In this article, I will show how to write own data generator and how to use albumentations as augmentation library. Along with segmentation_models library, which provides dozens of pretrained heads to Unet and other unet-like architectures. For the full code go to Github. Link to dataset.

Theory

The task of semantic image segmentation is to label each pixel of an image with a corresponding class of what is being represented. For such a task, Unet architecture with different variety of improvements has shown the best result. The core idea behind it just few convolution blocks, which extracts deep and different type of image features, following by so-called deconvolution or upsample blocks, which restore the initial shape of the input image. Besides after each convolution layers, we have some skip-connections, which help the network to remember about initial image and help against fading gradients. For more detailed information you can read the arxiv article or another article.
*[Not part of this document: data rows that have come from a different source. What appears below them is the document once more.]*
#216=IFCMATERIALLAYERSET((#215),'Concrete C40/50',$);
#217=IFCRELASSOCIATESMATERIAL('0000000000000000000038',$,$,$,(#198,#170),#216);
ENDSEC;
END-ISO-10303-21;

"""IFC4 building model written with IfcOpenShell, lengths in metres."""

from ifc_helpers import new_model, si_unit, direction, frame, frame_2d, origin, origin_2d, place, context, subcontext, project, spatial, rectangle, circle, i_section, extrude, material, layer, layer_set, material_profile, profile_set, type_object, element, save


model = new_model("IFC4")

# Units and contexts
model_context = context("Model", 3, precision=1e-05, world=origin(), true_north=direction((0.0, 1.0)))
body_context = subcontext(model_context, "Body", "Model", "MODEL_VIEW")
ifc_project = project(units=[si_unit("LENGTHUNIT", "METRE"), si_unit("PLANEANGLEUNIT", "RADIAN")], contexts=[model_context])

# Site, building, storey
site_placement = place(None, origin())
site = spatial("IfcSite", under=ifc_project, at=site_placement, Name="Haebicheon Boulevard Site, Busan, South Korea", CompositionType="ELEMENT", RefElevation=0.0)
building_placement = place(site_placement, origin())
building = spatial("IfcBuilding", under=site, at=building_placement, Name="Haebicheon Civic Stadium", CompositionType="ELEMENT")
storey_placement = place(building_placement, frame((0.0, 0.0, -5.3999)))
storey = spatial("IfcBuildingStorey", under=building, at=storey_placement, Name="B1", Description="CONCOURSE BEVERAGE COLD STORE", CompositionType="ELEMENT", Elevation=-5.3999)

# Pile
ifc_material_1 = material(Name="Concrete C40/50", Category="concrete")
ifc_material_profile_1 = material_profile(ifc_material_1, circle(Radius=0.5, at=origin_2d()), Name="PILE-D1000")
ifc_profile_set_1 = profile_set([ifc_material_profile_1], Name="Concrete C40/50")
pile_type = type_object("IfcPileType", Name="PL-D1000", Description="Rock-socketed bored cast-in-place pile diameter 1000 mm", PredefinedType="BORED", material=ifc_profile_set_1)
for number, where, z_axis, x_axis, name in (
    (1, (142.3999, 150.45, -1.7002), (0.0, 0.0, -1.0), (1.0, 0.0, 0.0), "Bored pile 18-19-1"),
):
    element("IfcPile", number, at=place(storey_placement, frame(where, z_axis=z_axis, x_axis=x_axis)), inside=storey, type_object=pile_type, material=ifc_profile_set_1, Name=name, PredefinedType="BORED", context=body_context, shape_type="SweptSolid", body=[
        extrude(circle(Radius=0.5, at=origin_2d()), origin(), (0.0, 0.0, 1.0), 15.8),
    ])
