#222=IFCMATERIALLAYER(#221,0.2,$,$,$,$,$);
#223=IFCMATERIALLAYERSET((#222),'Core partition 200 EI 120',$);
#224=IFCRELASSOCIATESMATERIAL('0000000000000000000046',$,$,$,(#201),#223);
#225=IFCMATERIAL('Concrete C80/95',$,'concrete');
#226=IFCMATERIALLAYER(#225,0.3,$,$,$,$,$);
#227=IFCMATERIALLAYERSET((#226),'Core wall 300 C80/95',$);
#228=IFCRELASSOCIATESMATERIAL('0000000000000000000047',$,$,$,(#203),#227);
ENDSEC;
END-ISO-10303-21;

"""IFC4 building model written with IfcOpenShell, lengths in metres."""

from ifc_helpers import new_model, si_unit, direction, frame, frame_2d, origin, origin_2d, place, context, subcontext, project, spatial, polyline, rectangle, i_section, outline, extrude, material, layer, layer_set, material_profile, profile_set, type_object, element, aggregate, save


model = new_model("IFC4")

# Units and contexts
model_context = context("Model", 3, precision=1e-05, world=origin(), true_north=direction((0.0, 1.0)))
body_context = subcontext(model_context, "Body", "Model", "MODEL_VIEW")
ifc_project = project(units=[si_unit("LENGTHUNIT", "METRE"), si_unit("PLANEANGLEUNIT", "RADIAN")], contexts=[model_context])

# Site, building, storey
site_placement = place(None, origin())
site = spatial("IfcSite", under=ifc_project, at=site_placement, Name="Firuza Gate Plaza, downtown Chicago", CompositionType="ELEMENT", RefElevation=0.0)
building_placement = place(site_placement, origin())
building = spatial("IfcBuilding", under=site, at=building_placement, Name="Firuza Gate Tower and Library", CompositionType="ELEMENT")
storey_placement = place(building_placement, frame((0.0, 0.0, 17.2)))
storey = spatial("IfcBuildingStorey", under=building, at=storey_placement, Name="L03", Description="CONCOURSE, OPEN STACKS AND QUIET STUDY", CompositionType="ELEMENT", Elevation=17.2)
unet.png Vanilla U-Net https://arxiv.org/abs/1505.04597

We came for practice, lets go for it.

Dataset—satellite images

For segmentation we don’t need much data to start getting a decent result, even 100 annotated photos will be enough. For now, we will be using Massachusetts Roads Dataset from https://www.cs.toronto.edu/~vmnih/data/, there about 1100+ annotated train images, they even provide validation and test dataset. Unfortunately, there is no download button, so we have to use a script. This script will get the job done (it might take some time to complete). Lets take a look at image examples: input_data.png Massachusetts Roads Dataset image and ground truth mask ex.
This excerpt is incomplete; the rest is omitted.